I’ve moved back to Ireland in retirement. Can I transfer my pension?
Ask the Experts: Rules on transferring depend on client’s age and where they lived
Most people under the age of 70 and resident in Ireland would be eligible to transfer their pension from the UK back to an Irish pension scheme. Photograph: iStock
I have returned to Ireland after 34 years abroad in the UK, where I contributed to a SIPP (self-invested personal pension). I arrived back in May 2017 at the age of 75. My UK SIPP manager tells me that compliance forbids him advising me any longer, unless I visit the UK for face to face meetings. I now would like to know if I can transfer my SIPP to Ireland. How can I do this? How will it be paid?
Answer: Stephen Jones, director, Acumen & Trust
In most cases when dealing with non-resident clients, it is necessary to conduct face to face meetings in the country to which the advice is related.
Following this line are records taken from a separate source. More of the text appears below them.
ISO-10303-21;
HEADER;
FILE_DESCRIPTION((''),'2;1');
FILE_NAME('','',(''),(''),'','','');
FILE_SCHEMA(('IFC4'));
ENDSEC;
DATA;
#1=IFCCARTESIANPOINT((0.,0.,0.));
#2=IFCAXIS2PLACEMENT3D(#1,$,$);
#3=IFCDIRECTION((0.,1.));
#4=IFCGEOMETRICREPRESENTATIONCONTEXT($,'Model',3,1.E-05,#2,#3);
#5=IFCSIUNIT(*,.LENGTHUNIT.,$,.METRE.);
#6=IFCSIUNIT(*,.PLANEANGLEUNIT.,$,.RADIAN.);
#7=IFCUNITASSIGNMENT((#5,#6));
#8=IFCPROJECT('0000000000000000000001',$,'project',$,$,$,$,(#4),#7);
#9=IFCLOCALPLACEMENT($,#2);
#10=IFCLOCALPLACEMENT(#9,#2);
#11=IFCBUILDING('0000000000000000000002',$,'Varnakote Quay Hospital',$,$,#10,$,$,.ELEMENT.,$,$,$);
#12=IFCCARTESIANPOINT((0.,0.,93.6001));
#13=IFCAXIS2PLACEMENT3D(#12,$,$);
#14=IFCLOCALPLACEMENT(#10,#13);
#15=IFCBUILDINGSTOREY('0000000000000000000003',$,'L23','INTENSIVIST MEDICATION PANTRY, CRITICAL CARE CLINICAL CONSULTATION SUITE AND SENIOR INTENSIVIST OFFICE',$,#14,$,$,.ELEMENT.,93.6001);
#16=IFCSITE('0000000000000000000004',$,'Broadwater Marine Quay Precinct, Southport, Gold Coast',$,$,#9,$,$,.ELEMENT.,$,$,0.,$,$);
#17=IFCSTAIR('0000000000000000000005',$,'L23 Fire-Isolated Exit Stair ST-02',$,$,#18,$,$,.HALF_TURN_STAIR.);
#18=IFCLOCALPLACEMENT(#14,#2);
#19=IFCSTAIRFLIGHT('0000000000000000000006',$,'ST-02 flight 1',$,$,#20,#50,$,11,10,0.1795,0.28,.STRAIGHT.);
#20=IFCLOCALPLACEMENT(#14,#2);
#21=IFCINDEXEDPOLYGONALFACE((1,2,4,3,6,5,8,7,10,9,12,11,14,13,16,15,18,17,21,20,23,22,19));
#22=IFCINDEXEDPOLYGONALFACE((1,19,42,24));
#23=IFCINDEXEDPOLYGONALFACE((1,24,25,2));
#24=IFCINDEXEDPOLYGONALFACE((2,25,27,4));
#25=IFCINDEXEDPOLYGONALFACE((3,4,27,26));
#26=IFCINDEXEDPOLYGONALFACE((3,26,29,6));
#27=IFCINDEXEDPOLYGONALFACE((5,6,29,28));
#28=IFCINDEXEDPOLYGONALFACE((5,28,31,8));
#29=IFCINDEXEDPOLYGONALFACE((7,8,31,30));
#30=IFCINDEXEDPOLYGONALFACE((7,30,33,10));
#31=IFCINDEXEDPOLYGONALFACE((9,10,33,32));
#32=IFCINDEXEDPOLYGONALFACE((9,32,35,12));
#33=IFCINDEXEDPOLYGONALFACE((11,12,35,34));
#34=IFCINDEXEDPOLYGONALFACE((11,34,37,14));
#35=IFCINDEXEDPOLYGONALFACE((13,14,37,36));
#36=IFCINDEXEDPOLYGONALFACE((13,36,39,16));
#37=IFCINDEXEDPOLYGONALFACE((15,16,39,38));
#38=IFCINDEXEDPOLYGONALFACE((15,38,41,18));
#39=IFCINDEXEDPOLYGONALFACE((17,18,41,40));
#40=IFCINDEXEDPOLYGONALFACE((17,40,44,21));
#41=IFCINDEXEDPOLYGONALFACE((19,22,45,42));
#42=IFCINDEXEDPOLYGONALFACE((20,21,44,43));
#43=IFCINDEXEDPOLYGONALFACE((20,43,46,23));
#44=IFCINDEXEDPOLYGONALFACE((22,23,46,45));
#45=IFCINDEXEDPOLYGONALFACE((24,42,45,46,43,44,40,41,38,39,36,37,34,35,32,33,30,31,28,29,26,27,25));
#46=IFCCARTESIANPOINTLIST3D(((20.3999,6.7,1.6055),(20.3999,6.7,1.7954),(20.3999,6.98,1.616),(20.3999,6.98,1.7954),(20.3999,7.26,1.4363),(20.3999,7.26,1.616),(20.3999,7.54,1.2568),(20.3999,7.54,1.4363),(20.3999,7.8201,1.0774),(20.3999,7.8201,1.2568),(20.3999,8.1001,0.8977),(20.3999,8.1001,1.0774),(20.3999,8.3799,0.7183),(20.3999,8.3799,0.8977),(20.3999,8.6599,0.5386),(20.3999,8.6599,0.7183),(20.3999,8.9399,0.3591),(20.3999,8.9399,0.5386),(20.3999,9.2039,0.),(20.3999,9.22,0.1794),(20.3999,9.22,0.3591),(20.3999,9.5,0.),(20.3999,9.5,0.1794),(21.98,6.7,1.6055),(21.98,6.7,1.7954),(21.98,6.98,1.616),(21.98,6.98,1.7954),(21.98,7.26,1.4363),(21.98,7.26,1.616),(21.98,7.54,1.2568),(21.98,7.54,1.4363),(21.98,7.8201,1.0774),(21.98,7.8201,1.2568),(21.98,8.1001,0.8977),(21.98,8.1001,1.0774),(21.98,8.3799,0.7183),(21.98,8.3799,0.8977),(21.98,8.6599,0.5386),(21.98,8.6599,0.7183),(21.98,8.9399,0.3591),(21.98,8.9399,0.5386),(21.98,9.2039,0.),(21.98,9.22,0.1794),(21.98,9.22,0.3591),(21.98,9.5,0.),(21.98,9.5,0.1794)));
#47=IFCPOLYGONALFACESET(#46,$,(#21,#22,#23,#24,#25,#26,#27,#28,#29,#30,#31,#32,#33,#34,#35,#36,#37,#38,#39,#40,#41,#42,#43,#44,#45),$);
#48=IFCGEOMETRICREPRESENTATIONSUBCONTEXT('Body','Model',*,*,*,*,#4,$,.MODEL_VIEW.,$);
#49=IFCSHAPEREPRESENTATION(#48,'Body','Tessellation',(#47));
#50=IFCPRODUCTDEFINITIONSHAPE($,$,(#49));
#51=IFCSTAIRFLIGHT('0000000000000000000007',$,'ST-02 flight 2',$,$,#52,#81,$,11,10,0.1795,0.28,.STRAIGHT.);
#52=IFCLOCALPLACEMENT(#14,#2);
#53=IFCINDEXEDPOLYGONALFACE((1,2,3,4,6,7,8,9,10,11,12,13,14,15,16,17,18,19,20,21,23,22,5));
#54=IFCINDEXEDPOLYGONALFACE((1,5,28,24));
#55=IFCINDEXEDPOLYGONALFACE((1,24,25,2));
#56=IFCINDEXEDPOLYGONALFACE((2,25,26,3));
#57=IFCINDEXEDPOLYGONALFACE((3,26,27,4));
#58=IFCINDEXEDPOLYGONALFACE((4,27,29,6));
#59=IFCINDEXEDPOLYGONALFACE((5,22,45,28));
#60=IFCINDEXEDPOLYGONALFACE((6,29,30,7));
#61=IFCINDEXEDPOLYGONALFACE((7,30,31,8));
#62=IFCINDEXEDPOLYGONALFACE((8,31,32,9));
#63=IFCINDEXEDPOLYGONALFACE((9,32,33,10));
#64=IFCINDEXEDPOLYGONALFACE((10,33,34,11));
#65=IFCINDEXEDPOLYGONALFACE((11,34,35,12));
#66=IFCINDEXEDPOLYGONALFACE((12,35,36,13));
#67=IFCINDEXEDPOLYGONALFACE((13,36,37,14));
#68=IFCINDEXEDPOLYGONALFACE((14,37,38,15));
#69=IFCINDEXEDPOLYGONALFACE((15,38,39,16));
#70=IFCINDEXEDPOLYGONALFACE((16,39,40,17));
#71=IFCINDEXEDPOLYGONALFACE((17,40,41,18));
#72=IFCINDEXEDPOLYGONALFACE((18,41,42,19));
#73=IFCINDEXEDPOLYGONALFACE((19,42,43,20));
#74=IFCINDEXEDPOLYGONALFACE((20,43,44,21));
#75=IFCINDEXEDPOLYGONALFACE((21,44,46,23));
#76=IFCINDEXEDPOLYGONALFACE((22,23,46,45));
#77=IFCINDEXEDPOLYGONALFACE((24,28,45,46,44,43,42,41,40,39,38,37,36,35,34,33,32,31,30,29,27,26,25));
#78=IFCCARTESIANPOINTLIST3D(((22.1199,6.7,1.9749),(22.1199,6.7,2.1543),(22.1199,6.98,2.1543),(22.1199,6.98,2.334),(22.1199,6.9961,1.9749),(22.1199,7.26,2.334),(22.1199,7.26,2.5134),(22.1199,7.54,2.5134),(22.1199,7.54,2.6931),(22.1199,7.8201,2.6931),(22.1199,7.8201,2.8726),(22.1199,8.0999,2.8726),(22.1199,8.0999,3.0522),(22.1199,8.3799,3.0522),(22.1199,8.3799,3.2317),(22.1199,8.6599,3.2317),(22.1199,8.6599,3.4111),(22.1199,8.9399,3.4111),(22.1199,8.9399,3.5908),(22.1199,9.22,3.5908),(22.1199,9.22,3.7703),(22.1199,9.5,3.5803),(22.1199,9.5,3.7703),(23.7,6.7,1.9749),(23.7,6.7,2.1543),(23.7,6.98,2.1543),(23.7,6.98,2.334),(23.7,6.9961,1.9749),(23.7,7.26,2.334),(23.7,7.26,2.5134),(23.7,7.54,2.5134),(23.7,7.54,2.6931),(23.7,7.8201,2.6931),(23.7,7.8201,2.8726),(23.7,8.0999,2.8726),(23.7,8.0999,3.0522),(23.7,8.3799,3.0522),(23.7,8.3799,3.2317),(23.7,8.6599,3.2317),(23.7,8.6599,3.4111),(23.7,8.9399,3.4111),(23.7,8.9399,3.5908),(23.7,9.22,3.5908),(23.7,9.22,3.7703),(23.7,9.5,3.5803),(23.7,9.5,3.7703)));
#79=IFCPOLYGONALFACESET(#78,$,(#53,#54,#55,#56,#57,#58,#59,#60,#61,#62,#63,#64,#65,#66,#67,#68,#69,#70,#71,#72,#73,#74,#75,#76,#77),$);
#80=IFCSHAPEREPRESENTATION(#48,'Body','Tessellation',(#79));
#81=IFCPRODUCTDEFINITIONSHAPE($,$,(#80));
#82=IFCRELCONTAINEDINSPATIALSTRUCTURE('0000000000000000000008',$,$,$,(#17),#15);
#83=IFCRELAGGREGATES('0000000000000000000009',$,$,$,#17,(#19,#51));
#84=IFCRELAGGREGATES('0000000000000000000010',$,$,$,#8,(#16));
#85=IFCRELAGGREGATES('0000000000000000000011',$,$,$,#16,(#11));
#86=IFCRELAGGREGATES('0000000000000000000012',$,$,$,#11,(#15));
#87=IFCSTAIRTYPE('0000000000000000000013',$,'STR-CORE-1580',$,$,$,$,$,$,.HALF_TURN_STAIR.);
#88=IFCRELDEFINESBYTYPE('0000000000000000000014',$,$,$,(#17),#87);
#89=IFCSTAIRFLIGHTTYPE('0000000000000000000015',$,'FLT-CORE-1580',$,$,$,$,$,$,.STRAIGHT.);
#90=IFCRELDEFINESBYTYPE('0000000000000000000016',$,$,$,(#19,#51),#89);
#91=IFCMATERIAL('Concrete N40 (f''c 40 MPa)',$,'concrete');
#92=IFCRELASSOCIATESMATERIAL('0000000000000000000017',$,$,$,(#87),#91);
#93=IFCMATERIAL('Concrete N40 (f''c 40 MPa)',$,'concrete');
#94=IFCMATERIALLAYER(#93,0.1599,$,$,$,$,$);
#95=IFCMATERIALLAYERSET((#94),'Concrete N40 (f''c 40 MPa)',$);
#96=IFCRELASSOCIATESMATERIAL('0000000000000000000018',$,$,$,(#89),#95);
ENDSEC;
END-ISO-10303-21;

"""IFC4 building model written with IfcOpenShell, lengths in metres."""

from ifc_helpers import new_model, si_unit, direction, frame, origin, place, context, subcontext, project, spatial, polyline, outline, extrude, material, layer, layer_set, type_object, element, aggregate, save


model = new_model("IFC4")

# Units and contexts
model_context = context("Model", 3, precision=1e-05, world=origin(), true_north=direction((0.0, 1.0)))
body_context = subcontext(model_context, "Body", "Model", "MODEL_VIEW")
ifc_project = project(units=[si_unit("LENGTHUNIT", "METRE"), si_unit("PLANEANGLEUNIT", "RADIAN")], contexts=[model_context])

# Site, building, storey
site_placement = place(None, origin())
site = spatial("IfcSite", under=ifc_project, at=site_placement, Name="Broadwater Marine Quay Precinct, Southport, Gold Coast", CompositionType="ELEMENT", RefElevation=0.0)
building_placement = place(site_placement, origin())
building = spatial("IfcBuilding", under=site, at=building_placement, Name="Varnakote Quay Hospital", CompositionType="ELEMENT")
storey_placement = place(building_placement, frame((0.0, 0.0, 93.6001)))
storey = spatial("IfcBuildingStorey", under=building, at=storey_placement, Name="L23", Description="INTENSIVIST MEDICATION PANTRY, CRITICAL CARE CLINICAL CONSULTATION SUITE AND SENIOR INTENSIVIST OFFICE", CompositionType="ELEMENT", Elevation=93.6001)

# Stair, stair flights
ifc_material_1 = material(Name="Concrete N40 (f'c 40 MPa)", Category="concrete")
stair_type = type_object("IfcStairType", Name="STR-CORE-1580", PredefinedType="HALF_TURN_STAIR", material=ifc_material_1)
stair_placement = place(storey_placement, origin())
stair = element("IfcStair", 1, at=stair_placement, inside=storey, type_object=stair_type, Name="L23 Fire-Isolated Exit Stair ST-02", PredefinedType="HALF_TURN_STAIR")
ifc_material_2 = material(Name="Concrete N40 (f'c 40 MPa)", Category="concrete")
ifc_layer_1 = layer(ifc_material_2, 0.1599)
ifc_layer_set_1 = layer_set([ifc_layer_1], Name="Concrete N40 (f'c 40 MPa)")
stair_flight_type = type_object("IfcStairFlightType", Name="FLT-CORE-1580", PredefinedType="STRAIGHT", material=ifc_layer_set_1)
stair_flight_1_placement = place(storey_placement, frame((21.1899, 9.5, 0.0), z_axis=(0.0, 0.0, 1.0), x_axis=(0.0, -1.0, 0.0)))
stair_flight_1 = element("IfcStairFlight", 2, at=stair_flight_1_placement, type_object=stair_flight_type, Name="ST-02 flight 1", NumberOfRisers=11, NumberOfTreads=10, PredefinedType="STRAIGHT", RiserHeight=0.1795, TreadLength=0.28, context=body_context, shape_type="SweptSolid", body=[
    extrude(outline(polyline([(0.0, 0.0), (0.0, 0.1794), (0.28, 0.1794), (0.28, 0.3591), (0.5601, 0.3591), (0.5601, 0.5386), (0.8401, 0.5386), (0.8401, 0.7183), (1.1201, 0.7183), (1.1201, 0.8977), (1.3999, 0.8977), (1.3999, 1.0774), (1.6799, 1.0774), (1.6799, 1.2568), (1.96, 1.2568), (1.96, 1.4363), (2.24, 1.4363), (2.24, 1.616), (2.52, 1.616), (2.52, 1.7954), (2.8, 1.7954), (2.8, 1.9751), (2.8, 1.6055), (0.2961, 0.0), (0.0, 0.0)])), frame((0.0, 0.79, 0.0), z_axis=(0.0, -1.0, 0.0), x_axis=(1.0, 0.0, 0.0)), (0.0, 0.0, 1.0), 1.5801),
])
stair_flight_2_placement = place(storey_placement, frame((22.9099, 6.7, 1.9749), z_axis=(0.0, 0.0, 1.0), x_axis=(0.0, 1.0, 0.0)))
stair_flight_2 = element("IfcStairFlight", 3, at=stair_flight_2_placement, type_object=stair_flight_type, Name="ST-02 flight 2", NumberOfRisers=11, NumberOfTreads=10, PredefinedType="STRAIGHT", RiserHeight=0.1795, TreadLength=0.28, context=body_context, shape_type="SweptSolid", body=[
    extrude(outline(polyline([(0.0, 0.0), (0.0, 0.1794), (0.28, 0.1794), (0.28, 0.3591), (0.5601, 0.3591), (0.5601, 0.5386), (0.8401, 0.5386), (0.8401, 0.7183), (1.1201, 0.7183), (1.1201, 0.8977), (1.3999, 0.8977), (1.3999, 1.0774), (1.6799, 1.0774), (1.6799, 1.2568), (1.96, 1.2568), (1.96, 1.4363), (2.24, 1.4363), (2.24, 1.616), (2.52, 1.616), (2.52, 1.7954), (2.8, 1.7954), (2.8, 1.9751), (2.8, 1.6055), (0.2961, 0.0), (0.0, 0.0)])), frame((0.0, 0.79, 0.0), z_axis=(0.0, -1.0, 0.0), x_axis=(1.0, 0.0, 0.0)), (0.0, 0.0, 1.0), 1.5801),
])
aggregate(stair, [stair_flight_1, stair_flight_2])

save(model, "model.ifc")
For example, a UK resident looking for advice in relation to an Irish investment or pension would need to meet the advisor in Ireland, and vice versa.
Given this man’s age on returning to Ireland (75), unfortunately it would not be possible to transfer his UK pension benefits to an Irish arrangement at this stage.
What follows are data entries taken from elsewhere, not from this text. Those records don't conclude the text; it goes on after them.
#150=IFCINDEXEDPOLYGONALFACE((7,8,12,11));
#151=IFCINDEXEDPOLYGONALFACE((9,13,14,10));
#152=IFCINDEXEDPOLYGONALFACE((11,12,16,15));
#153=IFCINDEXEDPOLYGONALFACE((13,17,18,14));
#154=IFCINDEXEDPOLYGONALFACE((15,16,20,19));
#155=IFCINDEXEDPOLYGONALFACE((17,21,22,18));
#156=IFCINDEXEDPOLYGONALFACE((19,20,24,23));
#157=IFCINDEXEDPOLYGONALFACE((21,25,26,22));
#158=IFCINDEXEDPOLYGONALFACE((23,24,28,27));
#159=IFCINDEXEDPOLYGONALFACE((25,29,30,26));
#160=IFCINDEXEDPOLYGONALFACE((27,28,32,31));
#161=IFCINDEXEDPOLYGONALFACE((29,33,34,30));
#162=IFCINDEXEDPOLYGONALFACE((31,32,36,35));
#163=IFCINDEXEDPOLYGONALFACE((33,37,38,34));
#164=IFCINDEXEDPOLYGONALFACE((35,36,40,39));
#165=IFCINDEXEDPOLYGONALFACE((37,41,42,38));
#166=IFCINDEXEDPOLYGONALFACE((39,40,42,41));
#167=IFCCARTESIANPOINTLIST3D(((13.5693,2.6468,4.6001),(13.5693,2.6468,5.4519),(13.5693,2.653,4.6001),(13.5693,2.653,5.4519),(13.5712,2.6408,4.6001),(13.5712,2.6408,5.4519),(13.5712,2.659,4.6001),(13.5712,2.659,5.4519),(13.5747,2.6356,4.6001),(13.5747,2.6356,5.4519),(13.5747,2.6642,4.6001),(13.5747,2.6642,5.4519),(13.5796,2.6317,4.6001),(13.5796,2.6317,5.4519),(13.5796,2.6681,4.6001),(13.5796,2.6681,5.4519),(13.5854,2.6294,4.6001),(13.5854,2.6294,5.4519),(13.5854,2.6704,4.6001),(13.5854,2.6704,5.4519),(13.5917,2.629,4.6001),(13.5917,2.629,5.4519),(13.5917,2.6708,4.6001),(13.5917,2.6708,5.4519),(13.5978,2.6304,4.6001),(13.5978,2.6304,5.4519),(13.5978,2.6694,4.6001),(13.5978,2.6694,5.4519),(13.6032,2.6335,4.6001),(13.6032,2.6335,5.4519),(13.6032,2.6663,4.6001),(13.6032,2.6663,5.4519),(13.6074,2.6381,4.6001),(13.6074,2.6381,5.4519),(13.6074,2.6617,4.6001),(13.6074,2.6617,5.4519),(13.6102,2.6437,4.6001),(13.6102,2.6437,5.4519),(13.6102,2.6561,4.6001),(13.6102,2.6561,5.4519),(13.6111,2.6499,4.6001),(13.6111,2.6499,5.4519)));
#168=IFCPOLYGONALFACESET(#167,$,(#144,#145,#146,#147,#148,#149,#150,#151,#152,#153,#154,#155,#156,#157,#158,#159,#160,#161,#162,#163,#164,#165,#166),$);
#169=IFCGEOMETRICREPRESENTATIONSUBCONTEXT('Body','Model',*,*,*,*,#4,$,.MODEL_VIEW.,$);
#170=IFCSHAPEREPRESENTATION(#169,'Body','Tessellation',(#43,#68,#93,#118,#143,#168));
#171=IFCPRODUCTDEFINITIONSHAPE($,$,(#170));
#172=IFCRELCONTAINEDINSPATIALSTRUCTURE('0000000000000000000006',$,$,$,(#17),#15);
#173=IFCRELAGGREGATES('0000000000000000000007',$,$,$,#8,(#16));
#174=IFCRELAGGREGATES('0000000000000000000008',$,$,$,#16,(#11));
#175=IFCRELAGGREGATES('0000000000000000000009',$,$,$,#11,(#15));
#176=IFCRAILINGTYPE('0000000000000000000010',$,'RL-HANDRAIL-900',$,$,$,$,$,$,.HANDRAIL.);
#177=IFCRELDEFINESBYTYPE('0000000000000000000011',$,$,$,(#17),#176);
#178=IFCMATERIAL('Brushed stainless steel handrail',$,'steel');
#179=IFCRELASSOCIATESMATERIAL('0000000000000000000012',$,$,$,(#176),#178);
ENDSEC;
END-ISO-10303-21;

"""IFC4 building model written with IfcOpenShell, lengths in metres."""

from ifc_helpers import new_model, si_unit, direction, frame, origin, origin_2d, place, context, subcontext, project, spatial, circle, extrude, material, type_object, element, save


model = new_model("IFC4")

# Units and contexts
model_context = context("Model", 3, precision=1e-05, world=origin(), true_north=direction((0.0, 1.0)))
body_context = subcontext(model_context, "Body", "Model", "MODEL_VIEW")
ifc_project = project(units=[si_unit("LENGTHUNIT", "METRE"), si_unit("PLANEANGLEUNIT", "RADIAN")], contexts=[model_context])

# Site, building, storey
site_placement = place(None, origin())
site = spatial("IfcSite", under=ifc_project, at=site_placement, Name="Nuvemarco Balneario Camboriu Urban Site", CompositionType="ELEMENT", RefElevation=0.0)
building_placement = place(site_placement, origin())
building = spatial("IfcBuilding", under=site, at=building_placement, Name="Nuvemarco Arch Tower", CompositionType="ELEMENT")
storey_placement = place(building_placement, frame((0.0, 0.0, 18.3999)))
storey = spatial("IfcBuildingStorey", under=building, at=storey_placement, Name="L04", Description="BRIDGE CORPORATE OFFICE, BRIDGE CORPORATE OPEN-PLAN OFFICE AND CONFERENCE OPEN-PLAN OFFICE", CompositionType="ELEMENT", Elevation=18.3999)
The cut-off age for personal pensions and personal retirement saving accounts (PRSAs) is 75, and for company pensions it’s 70.
The process depends upon the type of pension being transferred back from the UK, and is governed by Qualifying Recognised Overseas Pension Scheme (QROPS) rules.
Most people under the age of 70 and resident in Ireland would be eligible to transfer their pension from the UK back to an Irish pension scheme. Under QROPS rules they will still be liable to certain restrictions, i.e. transfers are only permitted from the UK pension into an Irish QROPS approved scheme.
Earliest access to the pension funds is limited to those who are 55 years of age and over, and funds must be drawn down within five years of the person being tax resident in the UK. It’s also important to note that it may not be advisable for the person to transfer funds from the UK to Ireland if they intend returning to the UK before they have drawn the pension funds down.
For more information on transferring your pension to Ireland from abroad, see welfare.ie/en/Pages/Transfer-of-Private-Pensions-to-Ireland-for-returning-Irish-Emigrants.aspx. The British government’s website has more detailed information about transferring funds from the UK, see gov.uk/transferring-your-pension/transferring-to-an-overseas-pension-scheme
This man should seek advice from both an Irish and UK advisor in relation to his flexible pension and investment options. He should also seek tax advice in relation to his overall estate planning, and the implications of his UK pension benefits.
Pensions assets in different jurisdictions are covered by different rules when it comes to distribution of the underlying assets on death. For a UK resident they would need to seek specialist advice from a UK regulated tax advisor on how their pension assets would be treated in the event of their death in the UK ( if the pension assets remain in the UK ), and in Ireland if they are resident in Ireland at the time of death. The UK taxes donors on death, whereas Ireland taxes the beneficiaries.
Finally, assuming this man is in receipt of a full UK state pension, he should also request his Irish PRSI history to assess if he would be entitled to a reduced Irish Contributory State pension.
The rules governing the eligibility to an Irish state pension and a UK one are different. By gathering the client’s PRSI history and his national insurance history in the UK he can then assess:
1. If the combined histories could be amalgamated to qualify for a higher state pension in one of the jurisdictions, or receive reduced pensions from both.
2. If he meets the eligibility criteria in each jurisdiction.
3. If he has the option or potential to buy additional years to maximise the annual state pensions and the benefit/cost of doing so.
Any pension benefits drawn from the UK arrangement should only be taxable in Ireland based on the UK/Ireland double tax treaty. The tax is paid by annual tax return, but the collection can be achieved by reducing tax credits allocated to other income, including pensions.
The important thing to remember is that each case is different, and personalised professional advice is important in assessing what can be very significant benefits in retirement.